Rina Begum is a real person -- but she's also a statistic. When CARE met her, Rina and other women in her remote village in Bangladesh lived under virtual house arrest. Local tradition forbade women from leaving home without male escorts. Women who dared do so were subjected to public sexual harassment and even violence.

Many women and girls around the world face similar limits to their freedom. For example, in parts of Nepal, women are confined to sheds while they menstruate. Adolescent girls, who cannot go out in public, are denied the opportunity to go to school. With restricted movement, women are less likely to earn income and less able to access health care. Furthermore, in too many places such rules often go hand-in-hand with forced child marriage.

CARE invited Rina and more than 2 million other Bangladeshis to participate in a program designed to fight malnutrition. Called SHOUHARDO (a Bangla word meaning friendship) and funded by the U.S. Agency for International Development, the program combined direct nutrition-focused interventions such as child feeding with indirect interventions that struck at the roots of the problem -- most notably the deep inequalities between women and men.

Hear more from Dr. Helene Gayle, CEO of CARE USA, and keep reading below.

Rina lives in one of 408 villages and urban slums where groups of 20 women and 10 adolescent girls gathered regularly to discuss how to confront the barriers holding them back. The groups discussed their lack of decision-making power, violence against women, barriers to education, and early marriage. They received literacy training, and learned basics of Bangladeshi law.

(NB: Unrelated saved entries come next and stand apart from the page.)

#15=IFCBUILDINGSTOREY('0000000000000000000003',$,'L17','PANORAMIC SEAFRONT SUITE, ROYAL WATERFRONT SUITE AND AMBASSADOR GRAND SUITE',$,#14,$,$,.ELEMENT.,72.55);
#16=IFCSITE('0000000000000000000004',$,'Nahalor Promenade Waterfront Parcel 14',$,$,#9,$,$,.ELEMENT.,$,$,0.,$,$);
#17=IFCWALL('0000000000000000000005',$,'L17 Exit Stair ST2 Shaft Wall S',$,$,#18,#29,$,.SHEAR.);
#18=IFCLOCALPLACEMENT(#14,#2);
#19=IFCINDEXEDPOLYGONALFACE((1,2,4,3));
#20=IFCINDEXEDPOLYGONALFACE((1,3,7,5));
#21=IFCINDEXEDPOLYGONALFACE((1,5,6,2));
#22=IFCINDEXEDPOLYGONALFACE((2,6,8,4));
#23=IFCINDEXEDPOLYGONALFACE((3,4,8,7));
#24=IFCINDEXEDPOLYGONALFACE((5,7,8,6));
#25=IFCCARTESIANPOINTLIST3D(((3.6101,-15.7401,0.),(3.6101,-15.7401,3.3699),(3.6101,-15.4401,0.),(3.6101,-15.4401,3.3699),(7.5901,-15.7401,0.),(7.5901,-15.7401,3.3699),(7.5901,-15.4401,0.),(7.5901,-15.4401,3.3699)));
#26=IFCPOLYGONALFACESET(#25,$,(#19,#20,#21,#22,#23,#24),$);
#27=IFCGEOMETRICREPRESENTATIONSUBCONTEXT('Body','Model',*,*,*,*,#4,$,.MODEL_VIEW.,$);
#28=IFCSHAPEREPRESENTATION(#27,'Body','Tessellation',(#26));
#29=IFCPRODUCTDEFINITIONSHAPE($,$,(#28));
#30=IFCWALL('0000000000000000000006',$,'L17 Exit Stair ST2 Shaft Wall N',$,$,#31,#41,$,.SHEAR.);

The women in Rina's group confronted the men in the village about the harassment of girls and women until it eventually ceased. They stopped four child marriages with police assistance. And, most noticeably, women and girls began leaving their homes and moving about more freely.

But what happened to Rina and her neighbors was more than a story. Researchers evaluating SHOUHARDO were actually able to quantify the growing influence of women in their communities. For example, they found a 46 percent increase in the proportion of women who participated in decisions about the use of loans and savings.

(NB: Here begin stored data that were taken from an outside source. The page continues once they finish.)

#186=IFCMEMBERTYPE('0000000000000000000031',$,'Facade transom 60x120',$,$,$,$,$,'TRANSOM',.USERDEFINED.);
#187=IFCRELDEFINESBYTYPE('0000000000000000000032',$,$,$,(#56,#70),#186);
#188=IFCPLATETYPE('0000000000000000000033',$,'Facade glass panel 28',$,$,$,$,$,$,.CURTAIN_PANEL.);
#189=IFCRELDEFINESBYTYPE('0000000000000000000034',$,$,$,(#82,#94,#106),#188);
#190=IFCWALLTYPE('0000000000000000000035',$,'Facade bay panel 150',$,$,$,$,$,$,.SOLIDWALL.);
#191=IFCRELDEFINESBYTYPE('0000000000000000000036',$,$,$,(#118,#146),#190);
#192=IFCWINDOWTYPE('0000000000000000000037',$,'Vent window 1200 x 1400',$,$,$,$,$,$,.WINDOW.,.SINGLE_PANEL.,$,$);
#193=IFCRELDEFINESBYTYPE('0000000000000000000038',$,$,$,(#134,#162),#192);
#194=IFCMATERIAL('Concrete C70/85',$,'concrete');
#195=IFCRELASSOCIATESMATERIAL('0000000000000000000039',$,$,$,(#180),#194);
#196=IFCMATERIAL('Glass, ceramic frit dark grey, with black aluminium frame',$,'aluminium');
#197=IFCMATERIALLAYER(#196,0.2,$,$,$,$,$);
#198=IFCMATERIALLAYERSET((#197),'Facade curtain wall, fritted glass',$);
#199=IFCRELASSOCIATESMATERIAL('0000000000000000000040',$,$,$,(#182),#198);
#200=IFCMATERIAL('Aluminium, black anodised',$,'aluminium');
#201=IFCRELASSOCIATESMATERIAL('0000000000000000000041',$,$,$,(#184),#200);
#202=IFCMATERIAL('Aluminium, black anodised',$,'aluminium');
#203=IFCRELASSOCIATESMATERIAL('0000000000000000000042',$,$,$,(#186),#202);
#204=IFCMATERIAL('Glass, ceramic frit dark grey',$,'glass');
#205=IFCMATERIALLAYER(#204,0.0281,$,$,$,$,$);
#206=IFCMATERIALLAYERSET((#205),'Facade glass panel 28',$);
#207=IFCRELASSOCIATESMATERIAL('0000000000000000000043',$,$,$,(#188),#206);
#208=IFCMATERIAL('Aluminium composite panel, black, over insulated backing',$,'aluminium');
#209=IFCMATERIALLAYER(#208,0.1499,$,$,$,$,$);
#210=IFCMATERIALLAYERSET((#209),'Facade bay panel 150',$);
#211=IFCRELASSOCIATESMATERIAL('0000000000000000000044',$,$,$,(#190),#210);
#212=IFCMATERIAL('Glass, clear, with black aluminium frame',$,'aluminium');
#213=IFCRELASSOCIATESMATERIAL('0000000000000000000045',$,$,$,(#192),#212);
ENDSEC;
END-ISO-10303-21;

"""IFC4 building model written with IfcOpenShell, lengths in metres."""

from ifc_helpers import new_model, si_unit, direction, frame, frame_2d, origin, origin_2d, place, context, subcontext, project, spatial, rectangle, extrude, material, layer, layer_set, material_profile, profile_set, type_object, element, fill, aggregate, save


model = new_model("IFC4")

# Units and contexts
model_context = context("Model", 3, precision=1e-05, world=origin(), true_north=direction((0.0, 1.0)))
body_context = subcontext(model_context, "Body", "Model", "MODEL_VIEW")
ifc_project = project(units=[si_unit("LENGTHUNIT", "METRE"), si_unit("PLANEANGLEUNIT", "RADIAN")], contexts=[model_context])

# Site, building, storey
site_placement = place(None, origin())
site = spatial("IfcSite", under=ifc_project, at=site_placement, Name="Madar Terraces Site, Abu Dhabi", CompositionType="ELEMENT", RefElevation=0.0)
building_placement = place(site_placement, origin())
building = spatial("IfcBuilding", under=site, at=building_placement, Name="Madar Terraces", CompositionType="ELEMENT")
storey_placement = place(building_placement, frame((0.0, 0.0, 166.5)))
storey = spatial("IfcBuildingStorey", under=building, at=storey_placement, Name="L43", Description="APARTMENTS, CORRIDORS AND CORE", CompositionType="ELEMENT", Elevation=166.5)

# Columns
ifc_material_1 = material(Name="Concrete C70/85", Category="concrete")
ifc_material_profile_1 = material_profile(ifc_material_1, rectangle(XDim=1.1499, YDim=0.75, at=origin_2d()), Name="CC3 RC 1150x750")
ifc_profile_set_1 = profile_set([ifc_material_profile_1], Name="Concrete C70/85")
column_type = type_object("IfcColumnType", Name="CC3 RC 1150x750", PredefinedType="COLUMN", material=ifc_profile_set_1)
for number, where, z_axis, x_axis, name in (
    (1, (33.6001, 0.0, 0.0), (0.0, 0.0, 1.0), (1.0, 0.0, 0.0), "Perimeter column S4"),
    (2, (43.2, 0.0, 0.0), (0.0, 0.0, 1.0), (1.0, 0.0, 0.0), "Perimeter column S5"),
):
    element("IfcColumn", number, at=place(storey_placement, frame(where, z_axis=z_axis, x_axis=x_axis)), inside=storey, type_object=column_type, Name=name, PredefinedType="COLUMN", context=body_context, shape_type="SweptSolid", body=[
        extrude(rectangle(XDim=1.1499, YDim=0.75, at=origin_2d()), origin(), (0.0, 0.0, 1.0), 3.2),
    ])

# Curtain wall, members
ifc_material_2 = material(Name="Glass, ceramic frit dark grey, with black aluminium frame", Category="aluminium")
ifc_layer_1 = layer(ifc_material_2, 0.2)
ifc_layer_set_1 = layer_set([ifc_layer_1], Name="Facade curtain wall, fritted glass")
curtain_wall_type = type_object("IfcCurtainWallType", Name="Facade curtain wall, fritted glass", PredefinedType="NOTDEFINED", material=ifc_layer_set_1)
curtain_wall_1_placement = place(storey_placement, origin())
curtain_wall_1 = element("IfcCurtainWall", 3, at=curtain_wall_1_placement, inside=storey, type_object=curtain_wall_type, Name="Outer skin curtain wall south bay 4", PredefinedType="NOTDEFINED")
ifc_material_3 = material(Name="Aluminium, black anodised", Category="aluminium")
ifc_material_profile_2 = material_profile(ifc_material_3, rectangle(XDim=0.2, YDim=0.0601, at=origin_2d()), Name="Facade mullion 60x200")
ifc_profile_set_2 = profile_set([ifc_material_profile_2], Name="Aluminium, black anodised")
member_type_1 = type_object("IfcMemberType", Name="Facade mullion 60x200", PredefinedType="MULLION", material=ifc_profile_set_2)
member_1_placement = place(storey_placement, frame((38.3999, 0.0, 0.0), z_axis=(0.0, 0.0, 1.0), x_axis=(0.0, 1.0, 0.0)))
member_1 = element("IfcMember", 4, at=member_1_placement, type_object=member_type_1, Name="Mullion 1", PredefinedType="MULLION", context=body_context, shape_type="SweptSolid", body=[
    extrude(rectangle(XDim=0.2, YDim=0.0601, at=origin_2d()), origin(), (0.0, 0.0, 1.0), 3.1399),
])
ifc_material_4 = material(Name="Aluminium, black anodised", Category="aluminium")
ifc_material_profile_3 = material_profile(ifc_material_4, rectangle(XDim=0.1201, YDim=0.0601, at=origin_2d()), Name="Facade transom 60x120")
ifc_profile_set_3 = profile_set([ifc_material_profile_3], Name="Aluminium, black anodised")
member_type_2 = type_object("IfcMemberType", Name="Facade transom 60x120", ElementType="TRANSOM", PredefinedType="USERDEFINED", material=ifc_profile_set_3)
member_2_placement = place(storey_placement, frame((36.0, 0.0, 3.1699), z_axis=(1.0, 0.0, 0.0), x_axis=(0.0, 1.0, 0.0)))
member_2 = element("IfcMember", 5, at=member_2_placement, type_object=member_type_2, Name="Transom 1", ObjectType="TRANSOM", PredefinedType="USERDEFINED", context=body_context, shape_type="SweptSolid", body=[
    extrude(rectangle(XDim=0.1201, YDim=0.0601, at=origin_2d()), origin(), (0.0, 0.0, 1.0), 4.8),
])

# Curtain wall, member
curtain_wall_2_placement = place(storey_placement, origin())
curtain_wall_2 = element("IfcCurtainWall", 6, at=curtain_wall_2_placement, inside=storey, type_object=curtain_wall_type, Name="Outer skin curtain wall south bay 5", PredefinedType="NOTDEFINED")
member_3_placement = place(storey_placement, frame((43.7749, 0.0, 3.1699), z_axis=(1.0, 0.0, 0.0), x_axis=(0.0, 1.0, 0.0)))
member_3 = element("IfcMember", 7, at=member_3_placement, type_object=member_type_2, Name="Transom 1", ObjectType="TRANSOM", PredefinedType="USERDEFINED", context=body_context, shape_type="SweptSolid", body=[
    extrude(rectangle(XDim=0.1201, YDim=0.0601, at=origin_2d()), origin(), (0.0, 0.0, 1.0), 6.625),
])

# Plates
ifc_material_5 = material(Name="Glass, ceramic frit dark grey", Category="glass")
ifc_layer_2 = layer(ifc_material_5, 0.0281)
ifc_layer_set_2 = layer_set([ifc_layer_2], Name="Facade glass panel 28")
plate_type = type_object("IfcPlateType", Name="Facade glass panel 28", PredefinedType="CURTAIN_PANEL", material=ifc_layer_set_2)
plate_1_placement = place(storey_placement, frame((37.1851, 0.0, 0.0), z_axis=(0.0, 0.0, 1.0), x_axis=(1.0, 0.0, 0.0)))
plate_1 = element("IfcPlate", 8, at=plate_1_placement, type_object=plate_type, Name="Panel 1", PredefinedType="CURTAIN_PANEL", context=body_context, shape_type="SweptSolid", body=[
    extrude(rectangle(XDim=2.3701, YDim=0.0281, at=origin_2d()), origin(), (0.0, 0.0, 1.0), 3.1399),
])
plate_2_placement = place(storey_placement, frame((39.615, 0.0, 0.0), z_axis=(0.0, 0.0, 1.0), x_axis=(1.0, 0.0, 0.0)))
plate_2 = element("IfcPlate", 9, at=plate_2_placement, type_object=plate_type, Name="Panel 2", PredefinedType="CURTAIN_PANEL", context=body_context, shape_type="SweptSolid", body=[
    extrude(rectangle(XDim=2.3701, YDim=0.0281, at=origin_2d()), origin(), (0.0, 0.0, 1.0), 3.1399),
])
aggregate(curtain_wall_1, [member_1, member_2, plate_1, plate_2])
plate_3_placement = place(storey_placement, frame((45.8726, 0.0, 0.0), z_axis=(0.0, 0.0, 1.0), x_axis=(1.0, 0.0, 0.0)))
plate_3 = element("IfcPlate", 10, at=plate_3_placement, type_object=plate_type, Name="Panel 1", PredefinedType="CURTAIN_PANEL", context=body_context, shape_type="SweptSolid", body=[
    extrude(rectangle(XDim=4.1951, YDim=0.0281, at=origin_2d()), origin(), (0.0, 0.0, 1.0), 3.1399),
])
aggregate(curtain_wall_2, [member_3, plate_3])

So what does greater gender equality have to do with child malnutrition? A lot, according to a recent study of SHOUHARDO published by the Institute of Development Studies. SHOUHARDO reduced the proportion of young children with "stunting," a measure of the shortfall in growth due to malnutrition, by an astounding 28 percent in less than 4 years. And women's empowerment played a major role in that drop, researchers found. The young children of women who were part of empowerment efforts like Rina's were taller than those of women who participated only in traditional programs that included direct nutritional support such as regular food rations.

Poverty-fighting organizations have known for decades that empowering girls and women yields benefits for entire families and communities, but here was clear proof. This was empowerment you could measure with a yardstick.

On International Women's Day, CARE is shining a light on the need for more such evidence in the growing movement to empower women and girls. After all, how can you celebrate wins -- or more importantly, replicate them -- if no one is keeping score? We drive home that point in a new report titled "Reaching New Heights: The Case for Measuring Women's Empowerment."

In the report you can read, among other things, more about Rina. Her destiny was not to be confined in her home or even her group's meeting room. "I had to explore beyond it," she said. The statistics showed that, in this way, Rina was not unique. And that is exactly why her story is so important.